Despite its advancements, WAI’s application in pediatric audiology faces limitations, including variability in results due to different testing conditions. This information allowed clinicians to tailor interventions more precisely, such as focusing on amplification at the affected frequencies. Additionally, the WAI data provided valuable cross-validation with other audiological assessments, supporting the development of personalized treatment and rehabilitation plans. By understanding the exact nature of the frequency-specific impairments, treatment could be more accurately directed, improving overall patient outcomes.
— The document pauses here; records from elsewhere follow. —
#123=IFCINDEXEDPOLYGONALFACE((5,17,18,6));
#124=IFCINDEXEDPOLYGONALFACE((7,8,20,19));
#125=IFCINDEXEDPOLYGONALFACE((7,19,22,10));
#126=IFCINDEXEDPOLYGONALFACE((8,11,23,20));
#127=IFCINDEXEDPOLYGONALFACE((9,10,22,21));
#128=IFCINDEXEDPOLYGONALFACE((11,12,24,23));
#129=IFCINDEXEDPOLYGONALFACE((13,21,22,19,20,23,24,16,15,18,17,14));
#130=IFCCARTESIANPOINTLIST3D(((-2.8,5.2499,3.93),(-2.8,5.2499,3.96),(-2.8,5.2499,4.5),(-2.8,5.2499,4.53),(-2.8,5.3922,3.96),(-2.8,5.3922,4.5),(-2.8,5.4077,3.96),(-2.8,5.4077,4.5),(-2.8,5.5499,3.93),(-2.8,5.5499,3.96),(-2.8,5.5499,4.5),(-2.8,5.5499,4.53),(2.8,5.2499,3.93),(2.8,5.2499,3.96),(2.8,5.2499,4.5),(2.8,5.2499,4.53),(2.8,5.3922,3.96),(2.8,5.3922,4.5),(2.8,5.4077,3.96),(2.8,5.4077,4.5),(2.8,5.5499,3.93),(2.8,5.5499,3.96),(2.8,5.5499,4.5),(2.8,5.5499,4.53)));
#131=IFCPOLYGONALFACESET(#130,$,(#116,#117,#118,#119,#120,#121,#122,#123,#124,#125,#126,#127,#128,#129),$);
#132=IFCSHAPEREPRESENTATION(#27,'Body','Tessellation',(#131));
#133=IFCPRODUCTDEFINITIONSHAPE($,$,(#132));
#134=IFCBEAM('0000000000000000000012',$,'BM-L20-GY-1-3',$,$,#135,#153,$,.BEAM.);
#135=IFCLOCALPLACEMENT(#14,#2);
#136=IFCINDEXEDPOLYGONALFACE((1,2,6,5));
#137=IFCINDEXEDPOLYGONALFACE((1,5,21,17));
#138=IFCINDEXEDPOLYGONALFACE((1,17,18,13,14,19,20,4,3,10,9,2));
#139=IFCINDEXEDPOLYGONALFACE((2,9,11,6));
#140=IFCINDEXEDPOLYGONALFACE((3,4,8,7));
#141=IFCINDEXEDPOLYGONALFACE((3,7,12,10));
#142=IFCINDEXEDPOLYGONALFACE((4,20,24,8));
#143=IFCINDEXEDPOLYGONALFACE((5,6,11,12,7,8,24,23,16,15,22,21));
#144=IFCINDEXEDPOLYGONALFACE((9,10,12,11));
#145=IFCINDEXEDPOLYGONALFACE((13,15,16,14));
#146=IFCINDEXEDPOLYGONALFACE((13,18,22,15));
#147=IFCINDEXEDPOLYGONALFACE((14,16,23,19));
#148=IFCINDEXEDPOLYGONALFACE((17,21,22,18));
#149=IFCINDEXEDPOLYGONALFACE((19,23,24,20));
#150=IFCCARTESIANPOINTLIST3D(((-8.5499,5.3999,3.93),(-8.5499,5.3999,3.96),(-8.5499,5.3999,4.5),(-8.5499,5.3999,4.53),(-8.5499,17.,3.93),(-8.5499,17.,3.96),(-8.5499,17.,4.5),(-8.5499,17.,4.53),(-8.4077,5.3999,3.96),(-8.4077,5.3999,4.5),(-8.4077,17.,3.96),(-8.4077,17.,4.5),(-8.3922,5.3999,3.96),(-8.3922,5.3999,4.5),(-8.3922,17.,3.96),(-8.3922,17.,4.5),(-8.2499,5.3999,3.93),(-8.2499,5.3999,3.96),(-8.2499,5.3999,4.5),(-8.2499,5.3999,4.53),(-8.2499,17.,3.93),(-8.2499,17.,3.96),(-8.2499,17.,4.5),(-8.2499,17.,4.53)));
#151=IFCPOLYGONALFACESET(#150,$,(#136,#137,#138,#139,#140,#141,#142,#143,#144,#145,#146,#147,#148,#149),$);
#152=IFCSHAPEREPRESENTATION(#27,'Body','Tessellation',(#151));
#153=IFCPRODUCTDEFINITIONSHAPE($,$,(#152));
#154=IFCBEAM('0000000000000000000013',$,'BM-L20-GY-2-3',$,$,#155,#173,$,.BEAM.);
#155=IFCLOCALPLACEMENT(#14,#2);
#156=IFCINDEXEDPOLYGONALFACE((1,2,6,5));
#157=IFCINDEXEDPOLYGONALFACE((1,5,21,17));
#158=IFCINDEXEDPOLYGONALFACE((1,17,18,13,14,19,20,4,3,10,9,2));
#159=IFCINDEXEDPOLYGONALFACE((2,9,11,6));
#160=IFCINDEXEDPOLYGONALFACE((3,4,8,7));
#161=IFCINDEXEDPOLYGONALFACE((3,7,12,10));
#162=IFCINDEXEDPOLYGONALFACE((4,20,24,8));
The technology’s effectiveness across diverse pediatric populations and various auditory conditions remains underexplored.

8. Future Studies

Future research should focus on standardizing WAI testing protocols and exploring its diagnostic accuracy across broader age ranges, ethnicities, and types of auditory disorders. Studies are needed to integrate WAI data with other diagnostic tools for a more holistic understanding of pediatric auditory pathologies.

9. Conclusions

This review recognizes wideband acoustic immittance as a significant advancement in pediatric audiology, offering comprehensive insights into various auditory disorders. However, it acknowledges the limitations due to testing variability and the necessity for further research to standardize protocols and explore their application across diverse age groups. Future studies are encouraged to enhance the diagnostic capabilities of WAI, ensuring a more accurate and holistic approach to pediatric audiology.